As with primary thrombi, this may produce ischemia, although to a more limited extent, with similarly damaging consequences for the patient. The potential challenge with thrombus emboli is a little different from thrombus that forms at the site of plaque rupture. The challenge here is that the distal beds can be blocked if there is a large enough shower of emboli downstream. This causes ischemia and can cause the angiographic phenomenon of “no reflow”. This causes blood upstream to take the path of least resistance down another artery and the area of tissue fed by the blood vessel with no reflow continues in its ischemic state. This can cause symptoms, electrocardiogram (EKG) changes, necrosis, and sometimes the patient becomes hemodynamically unstable.

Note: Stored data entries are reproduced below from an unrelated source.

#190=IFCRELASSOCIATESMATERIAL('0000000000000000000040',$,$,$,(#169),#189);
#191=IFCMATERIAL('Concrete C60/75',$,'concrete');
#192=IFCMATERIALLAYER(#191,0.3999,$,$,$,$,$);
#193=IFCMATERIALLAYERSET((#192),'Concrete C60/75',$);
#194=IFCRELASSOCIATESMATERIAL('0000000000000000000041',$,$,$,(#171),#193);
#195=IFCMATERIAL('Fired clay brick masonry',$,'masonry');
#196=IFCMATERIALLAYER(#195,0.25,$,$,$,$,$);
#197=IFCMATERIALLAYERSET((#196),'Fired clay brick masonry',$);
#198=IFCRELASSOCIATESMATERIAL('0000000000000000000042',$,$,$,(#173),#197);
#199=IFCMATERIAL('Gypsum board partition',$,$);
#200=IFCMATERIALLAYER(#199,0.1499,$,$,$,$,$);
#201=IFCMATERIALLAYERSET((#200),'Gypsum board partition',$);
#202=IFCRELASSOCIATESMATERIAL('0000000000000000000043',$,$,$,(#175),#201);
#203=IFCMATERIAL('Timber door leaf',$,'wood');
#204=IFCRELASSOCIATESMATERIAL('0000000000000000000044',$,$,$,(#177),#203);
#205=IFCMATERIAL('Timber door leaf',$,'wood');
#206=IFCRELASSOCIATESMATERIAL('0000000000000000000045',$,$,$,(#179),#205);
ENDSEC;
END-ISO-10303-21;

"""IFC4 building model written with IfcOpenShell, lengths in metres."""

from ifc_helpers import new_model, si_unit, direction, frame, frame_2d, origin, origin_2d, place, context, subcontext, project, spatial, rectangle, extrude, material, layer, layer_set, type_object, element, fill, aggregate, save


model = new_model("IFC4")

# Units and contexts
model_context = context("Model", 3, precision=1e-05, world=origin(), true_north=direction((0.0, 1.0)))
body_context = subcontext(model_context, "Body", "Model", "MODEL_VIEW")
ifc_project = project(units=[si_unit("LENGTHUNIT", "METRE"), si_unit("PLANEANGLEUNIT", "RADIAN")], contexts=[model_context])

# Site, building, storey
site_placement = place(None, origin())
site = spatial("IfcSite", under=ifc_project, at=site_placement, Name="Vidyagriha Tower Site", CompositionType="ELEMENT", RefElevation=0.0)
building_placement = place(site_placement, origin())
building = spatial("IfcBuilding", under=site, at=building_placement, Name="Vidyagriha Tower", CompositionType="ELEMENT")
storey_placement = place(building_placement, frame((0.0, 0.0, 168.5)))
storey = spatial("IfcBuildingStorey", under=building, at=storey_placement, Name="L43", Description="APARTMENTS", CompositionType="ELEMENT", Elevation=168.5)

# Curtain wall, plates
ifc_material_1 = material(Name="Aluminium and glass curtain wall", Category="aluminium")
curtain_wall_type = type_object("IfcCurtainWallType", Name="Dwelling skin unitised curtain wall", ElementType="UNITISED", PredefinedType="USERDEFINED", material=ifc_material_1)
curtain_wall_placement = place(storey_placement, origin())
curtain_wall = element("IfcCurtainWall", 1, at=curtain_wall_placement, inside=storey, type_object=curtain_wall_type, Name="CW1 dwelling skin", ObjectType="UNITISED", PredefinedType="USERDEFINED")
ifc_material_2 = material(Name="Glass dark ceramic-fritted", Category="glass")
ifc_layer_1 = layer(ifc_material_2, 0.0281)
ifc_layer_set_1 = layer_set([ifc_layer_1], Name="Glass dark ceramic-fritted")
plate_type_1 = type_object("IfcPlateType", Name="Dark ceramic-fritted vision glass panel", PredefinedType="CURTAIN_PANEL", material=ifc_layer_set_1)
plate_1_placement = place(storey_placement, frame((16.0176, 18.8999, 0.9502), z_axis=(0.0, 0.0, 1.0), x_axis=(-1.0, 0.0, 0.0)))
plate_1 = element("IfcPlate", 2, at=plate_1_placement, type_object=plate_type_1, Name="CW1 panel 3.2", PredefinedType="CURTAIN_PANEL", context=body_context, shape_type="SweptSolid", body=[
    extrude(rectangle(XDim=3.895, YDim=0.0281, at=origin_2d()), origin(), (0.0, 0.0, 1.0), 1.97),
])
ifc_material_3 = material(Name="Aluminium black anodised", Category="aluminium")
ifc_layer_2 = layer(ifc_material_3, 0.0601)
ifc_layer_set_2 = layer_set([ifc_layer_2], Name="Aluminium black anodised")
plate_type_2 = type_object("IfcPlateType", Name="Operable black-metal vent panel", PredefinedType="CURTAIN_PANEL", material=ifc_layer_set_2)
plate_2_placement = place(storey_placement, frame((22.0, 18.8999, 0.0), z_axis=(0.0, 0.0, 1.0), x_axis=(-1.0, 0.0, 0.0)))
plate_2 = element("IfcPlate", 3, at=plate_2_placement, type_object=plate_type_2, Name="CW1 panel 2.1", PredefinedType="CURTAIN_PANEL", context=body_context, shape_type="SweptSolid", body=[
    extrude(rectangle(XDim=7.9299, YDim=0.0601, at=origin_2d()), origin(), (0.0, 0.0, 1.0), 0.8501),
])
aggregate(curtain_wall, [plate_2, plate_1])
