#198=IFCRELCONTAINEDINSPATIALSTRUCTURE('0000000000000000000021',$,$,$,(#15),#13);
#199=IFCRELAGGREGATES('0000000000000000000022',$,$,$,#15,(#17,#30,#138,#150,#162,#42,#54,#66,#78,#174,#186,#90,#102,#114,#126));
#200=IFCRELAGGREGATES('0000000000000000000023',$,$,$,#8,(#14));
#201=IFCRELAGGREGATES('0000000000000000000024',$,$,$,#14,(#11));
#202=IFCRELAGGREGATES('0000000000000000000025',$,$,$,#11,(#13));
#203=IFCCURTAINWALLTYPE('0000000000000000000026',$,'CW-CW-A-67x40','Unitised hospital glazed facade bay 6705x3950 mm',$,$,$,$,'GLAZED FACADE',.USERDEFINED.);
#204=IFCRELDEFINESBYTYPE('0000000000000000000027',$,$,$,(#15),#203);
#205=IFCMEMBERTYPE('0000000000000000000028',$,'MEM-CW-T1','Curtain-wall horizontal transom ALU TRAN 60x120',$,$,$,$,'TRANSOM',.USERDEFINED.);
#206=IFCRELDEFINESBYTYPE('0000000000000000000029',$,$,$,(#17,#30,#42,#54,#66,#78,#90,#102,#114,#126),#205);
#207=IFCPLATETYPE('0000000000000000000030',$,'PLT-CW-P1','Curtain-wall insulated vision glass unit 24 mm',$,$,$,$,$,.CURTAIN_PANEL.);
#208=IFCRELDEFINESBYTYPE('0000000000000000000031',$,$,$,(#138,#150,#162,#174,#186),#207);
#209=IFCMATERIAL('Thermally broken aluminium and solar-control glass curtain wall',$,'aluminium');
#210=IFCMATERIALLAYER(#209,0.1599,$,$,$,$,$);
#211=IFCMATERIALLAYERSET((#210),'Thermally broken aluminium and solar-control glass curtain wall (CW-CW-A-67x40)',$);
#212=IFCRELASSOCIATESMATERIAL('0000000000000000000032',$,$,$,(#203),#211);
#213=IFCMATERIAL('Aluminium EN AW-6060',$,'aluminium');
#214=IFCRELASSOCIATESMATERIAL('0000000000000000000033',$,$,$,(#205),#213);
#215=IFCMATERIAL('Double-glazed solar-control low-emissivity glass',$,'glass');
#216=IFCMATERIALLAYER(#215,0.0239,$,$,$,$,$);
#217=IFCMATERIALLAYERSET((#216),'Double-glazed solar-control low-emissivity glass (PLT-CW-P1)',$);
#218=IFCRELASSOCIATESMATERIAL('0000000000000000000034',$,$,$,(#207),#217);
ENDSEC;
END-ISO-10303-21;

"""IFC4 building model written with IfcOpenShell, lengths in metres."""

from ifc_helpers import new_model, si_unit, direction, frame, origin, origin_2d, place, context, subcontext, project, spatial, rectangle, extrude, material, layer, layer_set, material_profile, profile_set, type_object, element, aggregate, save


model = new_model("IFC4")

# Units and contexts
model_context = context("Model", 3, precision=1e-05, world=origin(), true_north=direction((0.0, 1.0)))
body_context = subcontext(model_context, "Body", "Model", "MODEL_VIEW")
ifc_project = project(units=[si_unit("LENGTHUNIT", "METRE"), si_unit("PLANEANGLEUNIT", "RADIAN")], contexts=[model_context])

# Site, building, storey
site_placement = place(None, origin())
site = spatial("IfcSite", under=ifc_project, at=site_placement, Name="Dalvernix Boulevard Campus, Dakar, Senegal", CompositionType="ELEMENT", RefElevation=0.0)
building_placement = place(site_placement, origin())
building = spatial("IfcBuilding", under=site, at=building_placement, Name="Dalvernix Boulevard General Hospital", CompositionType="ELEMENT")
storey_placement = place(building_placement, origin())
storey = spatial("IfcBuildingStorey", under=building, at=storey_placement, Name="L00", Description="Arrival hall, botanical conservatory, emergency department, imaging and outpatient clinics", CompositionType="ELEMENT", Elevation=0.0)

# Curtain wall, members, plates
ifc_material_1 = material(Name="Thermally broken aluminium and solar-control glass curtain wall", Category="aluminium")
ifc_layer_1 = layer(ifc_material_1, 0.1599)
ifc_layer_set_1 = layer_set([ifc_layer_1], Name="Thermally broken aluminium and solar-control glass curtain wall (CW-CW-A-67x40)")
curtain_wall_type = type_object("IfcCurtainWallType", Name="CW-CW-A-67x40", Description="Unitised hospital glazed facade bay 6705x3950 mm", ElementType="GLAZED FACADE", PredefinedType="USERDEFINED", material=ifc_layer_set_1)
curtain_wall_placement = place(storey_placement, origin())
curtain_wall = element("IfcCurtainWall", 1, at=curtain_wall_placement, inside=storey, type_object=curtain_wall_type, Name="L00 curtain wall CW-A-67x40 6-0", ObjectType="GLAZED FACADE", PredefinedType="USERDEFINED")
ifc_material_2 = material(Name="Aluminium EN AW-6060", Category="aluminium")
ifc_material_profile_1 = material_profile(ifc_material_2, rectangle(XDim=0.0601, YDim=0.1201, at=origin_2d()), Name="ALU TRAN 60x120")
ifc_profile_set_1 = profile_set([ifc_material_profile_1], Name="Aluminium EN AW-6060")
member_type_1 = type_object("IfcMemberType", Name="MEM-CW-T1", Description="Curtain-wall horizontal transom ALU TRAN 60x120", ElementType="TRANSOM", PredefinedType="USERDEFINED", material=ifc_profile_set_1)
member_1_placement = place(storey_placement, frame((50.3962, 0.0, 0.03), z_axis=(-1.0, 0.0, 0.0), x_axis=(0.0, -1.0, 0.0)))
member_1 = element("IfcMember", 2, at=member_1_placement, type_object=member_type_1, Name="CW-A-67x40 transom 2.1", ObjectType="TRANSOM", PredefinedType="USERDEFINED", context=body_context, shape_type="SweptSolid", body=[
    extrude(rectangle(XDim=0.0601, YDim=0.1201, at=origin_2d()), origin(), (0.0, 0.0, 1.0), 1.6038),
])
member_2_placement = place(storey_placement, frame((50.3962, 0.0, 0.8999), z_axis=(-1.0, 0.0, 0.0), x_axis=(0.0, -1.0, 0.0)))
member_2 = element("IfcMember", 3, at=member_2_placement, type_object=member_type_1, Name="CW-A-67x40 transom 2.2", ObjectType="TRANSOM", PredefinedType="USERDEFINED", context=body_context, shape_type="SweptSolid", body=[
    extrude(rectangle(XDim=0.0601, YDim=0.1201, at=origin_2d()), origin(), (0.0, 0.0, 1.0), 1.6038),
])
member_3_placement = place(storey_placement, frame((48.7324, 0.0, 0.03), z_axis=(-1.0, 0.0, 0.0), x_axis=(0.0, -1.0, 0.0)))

Another possibility, and this is probably the most common circumstance, is that the many showers of emboli have gone downstream and the interventionalist is unaware of the situation because there are virtually no symptoms, the emboli are not visible, and the consequence of embolization is NOT to the procedure, but to the patient who may leave the cath lab with microvascular occlusion and elevated cardiac enzymes. These elevated enzymes are indicative of myocardial necrosis due to ischemia. Often, the interventionalist is unaware of elevated cardiac enzymes because they are not usually drawn post-procedure, and procedural success is usually defined visually at the end of the case.

Shear stress

The narrowing of the lumen of the vessel where plaque is present causes disturbances in local blood flow. This disruption of blood flow can be akin to whirlpools and eddies on the margins of a fast moving stream. These whirlpools and eddies of blood cause a lot of friction of blood cells on one another. This shear stress can activate platelets leading to platelet aggregation, and, therefore, exacerbate thrombus formation even further. Note that pharmacologic agents do not affect shear forces, but GP IIb/IIIa receptor inhibitors may affect the ability for platelets to aggregate in response to shear stress.

The limitations of devices in thrombus management

Percutaneous coronary intervention (PCI) using balloon angioplasty, usually in combination with stenting, is a widely used option for treating atherosclerotic vessels. Mechanical intervention is very effective in restoring immediate flow to the target vessel, but is associated with a number of limitations when it comes to the management of thrombus.

Balloon angioplasty and stenting

During angioplasty, the balloon is inflated to widen the artery at the area of obstruction in the vessel. This causes cracks to form in the plaque (Fig. 2), exposing collagen to blood flow and triggering thrombus formation. Expansion of the stent can abrade the plaque further, causing parts of the plaque to break off and flow downstream. Once the stent is positioned, thrombus can also form between the struts. Before the approval of ReoPro, interventional cardiologists in the early 1990s would try to use a balloon to open thrombus-occluded vessels, but this often met with limited success and may have exacerbated the situation.

With the risks of thrombus formation following PCI procedures and the inability of devices to reach all clots, there is a clear need for systemic pharmacologic therapies in the treatment and management of thrombotic conditions.